Le torero derrière le carré rouge se nomme Jean Charest

7 juin 2012

La muleta est ce losange de tissu rouge que le toréador présente au taureau pendant la corrida. L’accessoire n’a besoin d’aucune présentation, si ce n’est pour rappeler que ce bout de drap écarlate cache, dans sa partie supérieure, le pico, l’épée avec laquelle le toréador mettra la bête à mort.

Le taureau distingue mal les couleurs. La muleta, depuis deux siècles, a été blanche, jaune ou bleue, avant de se voir adjuger, davantage pour attirer le spectateur que le bovidé, ce rouge que nous lui connaissons.

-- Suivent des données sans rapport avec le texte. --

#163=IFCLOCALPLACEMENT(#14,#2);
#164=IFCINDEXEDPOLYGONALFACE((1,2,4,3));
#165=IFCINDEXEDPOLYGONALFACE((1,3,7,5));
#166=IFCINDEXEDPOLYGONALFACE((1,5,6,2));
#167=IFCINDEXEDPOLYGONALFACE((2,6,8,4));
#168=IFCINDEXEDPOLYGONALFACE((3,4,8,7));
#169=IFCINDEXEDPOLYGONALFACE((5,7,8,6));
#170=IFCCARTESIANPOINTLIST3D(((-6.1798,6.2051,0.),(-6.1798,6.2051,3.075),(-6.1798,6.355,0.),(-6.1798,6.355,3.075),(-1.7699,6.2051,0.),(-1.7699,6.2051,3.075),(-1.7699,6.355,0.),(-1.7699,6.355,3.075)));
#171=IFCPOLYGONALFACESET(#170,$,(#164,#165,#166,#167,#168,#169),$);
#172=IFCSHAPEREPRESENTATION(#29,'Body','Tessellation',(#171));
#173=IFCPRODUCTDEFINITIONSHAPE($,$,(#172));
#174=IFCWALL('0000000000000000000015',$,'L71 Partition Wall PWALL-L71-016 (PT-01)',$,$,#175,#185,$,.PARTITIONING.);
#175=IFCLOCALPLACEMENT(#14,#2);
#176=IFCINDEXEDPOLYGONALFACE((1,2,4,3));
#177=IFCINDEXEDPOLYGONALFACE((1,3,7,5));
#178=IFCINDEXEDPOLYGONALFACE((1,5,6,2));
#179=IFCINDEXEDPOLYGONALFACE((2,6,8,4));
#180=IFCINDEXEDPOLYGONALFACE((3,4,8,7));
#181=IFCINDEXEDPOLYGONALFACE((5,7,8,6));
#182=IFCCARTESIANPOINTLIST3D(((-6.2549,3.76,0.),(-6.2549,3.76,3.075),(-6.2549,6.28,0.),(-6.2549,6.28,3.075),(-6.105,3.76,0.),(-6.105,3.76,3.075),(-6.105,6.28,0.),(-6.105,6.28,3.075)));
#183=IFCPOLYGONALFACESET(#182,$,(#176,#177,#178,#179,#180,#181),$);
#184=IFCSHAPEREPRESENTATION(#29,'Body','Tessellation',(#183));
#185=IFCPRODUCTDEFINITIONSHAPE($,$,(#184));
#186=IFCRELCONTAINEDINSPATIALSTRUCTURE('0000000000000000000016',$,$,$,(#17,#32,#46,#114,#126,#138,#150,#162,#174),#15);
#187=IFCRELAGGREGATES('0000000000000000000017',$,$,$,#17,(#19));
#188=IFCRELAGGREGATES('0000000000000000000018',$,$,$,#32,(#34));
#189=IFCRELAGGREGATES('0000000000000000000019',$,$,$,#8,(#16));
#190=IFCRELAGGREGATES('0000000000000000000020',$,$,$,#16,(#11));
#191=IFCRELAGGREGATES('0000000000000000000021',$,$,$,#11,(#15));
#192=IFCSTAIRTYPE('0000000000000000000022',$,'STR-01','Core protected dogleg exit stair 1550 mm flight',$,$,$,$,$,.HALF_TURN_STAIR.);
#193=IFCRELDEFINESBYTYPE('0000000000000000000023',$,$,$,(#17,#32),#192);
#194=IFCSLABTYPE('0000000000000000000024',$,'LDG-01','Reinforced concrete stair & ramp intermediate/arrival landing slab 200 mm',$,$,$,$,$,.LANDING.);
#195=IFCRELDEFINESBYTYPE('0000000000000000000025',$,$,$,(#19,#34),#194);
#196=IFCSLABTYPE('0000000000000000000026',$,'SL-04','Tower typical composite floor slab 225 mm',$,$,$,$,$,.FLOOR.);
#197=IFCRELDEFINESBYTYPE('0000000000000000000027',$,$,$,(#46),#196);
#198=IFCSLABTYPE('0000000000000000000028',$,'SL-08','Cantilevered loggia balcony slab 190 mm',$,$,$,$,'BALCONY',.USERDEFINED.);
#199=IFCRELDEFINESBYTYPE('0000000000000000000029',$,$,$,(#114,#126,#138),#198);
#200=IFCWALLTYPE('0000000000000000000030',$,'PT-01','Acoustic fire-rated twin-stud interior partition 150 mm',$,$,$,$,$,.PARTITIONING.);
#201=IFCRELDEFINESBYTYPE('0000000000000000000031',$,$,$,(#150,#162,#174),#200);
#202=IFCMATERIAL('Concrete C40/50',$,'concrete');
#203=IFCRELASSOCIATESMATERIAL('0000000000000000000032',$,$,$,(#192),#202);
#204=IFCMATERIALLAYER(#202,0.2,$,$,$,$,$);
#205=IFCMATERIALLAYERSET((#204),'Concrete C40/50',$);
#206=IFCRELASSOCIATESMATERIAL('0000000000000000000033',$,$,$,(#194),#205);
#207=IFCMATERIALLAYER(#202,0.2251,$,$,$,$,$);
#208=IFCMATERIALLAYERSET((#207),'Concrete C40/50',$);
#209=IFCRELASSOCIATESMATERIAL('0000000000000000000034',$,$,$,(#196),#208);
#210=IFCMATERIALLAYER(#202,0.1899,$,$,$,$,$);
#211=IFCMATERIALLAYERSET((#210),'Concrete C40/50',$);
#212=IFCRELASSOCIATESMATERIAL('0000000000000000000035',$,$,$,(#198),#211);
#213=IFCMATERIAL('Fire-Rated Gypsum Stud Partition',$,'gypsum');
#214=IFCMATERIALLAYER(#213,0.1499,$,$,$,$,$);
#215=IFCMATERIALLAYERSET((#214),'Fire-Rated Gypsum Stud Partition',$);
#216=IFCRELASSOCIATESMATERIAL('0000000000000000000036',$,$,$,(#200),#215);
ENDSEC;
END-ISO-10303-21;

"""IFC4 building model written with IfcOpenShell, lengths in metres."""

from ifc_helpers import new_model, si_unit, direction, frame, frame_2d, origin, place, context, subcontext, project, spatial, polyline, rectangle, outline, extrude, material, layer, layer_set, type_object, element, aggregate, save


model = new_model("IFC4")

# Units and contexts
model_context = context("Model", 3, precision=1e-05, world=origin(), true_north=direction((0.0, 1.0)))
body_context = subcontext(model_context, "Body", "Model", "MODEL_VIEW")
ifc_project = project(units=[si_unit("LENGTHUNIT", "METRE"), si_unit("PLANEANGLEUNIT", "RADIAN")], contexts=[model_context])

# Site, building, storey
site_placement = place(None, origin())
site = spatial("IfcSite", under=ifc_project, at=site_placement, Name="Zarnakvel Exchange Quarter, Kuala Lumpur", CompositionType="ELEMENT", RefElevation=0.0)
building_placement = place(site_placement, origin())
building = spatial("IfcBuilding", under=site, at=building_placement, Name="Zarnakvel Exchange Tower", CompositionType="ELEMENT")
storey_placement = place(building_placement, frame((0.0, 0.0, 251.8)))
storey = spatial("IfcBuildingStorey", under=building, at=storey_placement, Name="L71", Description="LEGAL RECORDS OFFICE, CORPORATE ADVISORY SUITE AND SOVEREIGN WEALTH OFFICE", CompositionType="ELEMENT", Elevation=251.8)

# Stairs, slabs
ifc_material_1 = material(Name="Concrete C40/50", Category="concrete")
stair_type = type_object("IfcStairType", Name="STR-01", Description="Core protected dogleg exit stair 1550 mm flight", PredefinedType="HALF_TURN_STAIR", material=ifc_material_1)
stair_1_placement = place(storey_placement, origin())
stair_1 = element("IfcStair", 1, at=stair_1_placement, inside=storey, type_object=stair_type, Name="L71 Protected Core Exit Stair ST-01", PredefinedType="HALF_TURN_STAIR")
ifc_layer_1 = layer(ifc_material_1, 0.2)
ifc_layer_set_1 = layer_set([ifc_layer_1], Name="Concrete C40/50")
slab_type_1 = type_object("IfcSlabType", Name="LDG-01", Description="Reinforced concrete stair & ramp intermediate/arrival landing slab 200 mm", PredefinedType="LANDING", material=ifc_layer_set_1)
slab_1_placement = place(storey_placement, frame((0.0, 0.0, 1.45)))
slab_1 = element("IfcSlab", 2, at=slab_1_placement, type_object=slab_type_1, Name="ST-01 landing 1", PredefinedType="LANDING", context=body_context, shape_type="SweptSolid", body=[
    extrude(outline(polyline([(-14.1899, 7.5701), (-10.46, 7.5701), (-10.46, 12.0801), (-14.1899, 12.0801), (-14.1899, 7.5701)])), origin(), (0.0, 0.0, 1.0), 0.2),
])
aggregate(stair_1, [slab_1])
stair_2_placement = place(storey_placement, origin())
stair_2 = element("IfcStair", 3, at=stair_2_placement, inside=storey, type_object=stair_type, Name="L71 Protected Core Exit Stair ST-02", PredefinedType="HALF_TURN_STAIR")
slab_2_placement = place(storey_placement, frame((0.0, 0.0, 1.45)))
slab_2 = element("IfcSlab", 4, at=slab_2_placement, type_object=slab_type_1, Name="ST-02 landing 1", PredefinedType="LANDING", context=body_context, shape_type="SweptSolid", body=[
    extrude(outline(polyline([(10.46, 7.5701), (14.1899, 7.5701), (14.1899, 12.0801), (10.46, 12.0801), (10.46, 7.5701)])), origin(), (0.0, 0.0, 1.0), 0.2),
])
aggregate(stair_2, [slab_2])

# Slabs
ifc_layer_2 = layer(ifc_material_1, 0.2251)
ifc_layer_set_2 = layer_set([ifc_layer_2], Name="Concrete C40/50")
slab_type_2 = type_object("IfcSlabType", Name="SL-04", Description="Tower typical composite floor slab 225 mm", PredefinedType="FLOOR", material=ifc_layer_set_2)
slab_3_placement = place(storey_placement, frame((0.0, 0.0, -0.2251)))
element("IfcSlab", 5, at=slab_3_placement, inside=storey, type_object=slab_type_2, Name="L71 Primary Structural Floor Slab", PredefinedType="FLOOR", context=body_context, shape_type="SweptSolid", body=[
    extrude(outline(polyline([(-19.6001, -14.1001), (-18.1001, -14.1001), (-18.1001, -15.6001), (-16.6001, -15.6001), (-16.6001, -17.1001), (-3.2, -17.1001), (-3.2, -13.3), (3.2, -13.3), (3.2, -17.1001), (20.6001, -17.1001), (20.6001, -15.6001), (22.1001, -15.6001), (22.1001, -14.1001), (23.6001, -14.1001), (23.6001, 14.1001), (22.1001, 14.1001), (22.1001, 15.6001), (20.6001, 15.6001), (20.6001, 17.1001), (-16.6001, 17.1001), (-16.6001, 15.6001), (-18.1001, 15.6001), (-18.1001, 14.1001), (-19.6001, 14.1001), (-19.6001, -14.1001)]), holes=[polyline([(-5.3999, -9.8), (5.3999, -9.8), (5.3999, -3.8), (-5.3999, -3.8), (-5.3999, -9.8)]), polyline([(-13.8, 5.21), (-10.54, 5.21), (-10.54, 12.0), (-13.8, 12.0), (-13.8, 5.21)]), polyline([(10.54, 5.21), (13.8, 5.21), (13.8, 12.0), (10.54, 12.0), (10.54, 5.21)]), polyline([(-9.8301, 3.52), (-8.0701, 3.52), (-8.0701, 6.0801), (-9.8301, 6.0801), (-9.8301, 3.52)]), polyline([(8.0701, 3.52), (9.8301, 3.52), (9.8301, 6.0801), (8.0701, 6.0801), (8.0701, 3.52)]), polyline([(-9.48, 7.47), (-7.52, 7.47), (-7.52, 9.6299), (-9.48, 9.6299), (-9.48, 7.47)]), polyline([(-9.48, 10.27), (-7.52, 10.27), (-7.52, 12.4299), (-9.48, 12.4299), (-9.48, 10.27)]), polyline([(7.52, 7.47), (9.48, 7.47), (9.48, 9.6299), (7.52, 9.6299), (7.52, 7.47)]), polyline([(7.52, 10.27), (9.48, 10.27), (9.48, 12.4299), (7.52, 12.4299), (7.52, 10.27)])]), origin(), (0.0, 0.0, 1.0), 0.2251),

En ce printemps érable qui cherche son été, nous déambulons dans les rues, nous tapons sur des casseroles, avec – malheureusement – la même absence de stratégie que l’animal expiatoire. Jean Charest est un politicien professionnel qui s’apparente assez au money player traditionnel de la LNH: la saison régulière, lire la gestion de l’État, l’intéresse peu. Par contre, il est maître dans l’art de gagner une élection. Aussi a-t-il, fort habilement, attiré les étudiants et leurs alliés traditionnels de la gauche dans un traquenard. Pendant que la police et les manifestants jouent au chat et à la souris dans les rues, personne ne s’attarde au catastrophique bilan de son administration.

Mieux, par son refus de régler le problème, il crée, de toutes pièces, une crise sociale qui lui permettra, en septembre, avant les croustillantes révélations de la Commission Charbonneau, de se draper, sous-Sarkozy, dans le drapeau de la sécurité publique. L’opposition est divisée. Il se faufilera, comme un compteur naturel, entre les souverainistes et la CAQ, déjouera la gardienne de béton et ira récolter les félicitations au banc, des mains de son entraîneur Paul Desmarais.

Je n’invente rien en faisant ce constat. Il s’étale chaque jour dans les médias, sociaux ou traditionnels. L’Histoire s’écrit, ou se réécrit, sous nos yeux, en temps réel. Qu’on pense aux Plaines, à 1837, à 1970 ou à 1995, le scénario est toujours le même: d’un côté, une action stratégique, mûrement concertée; de l’autre, la division, les hauts cris, l’indécision, la conviction inébranlable de chacune des factions d’être la seule dépositaire de la vérité.

Le point de vue des étudiants est défendable. Il est si juste que le gouvernement du Québec prend, avec notre argent, l’initiative de la contester dans des publicités et dans les journaux. Plus globalement, et c’est là son côté le plus noble, cette contestation de la hausse des frais de scolarité s’inscrit dans une contestation du néo-libéralisme qui est lucide et pertinente. Que chacun prenne la peine de réfléchir au pouvoir des banques, à la déliquescence environnementale, au laisser-faire qui entraîne l’humanité vers la perdition, à l’héritage pourri que laissent derrière eux les baby-boomers: ces jeunes et ces plus vieux, dans les rues, ont cent fois raison de protester.

Malheureusement, il ne suffit pas, en politique, d’avoir raison. Dans les catacombes de l’Histoire, les crânes et les tibias des beautiful losers (pour emprunter l’image de Cohen) sont cordés en rangs d’oignon. Tapons sur des casseroles, marchons la nuit dans les rues, mais, de grâce, souvenons-nous que l’homme derrière le carré rouge, celui qui cache l’épée derrière la muleta, porte le nom de John James Charest.

Pour lui, la tauromachie n’est qu’un passe-temps. Il est aussi premier ministre du Québec et jouit de tous les pouvoirs qui se rattachent à cette fonction. Il serait temps que l’ensemble de ses opposants, ceux qu’ils montent si habilement les uns contre les autres et qui se déchirent sur des virgules, commencent à réfléchir stratégiquement à la manière de le descendre de sa butte.

Sinon, on se souviendra de ce si beau sursaut de lucidité comme du Printemps des Dupes.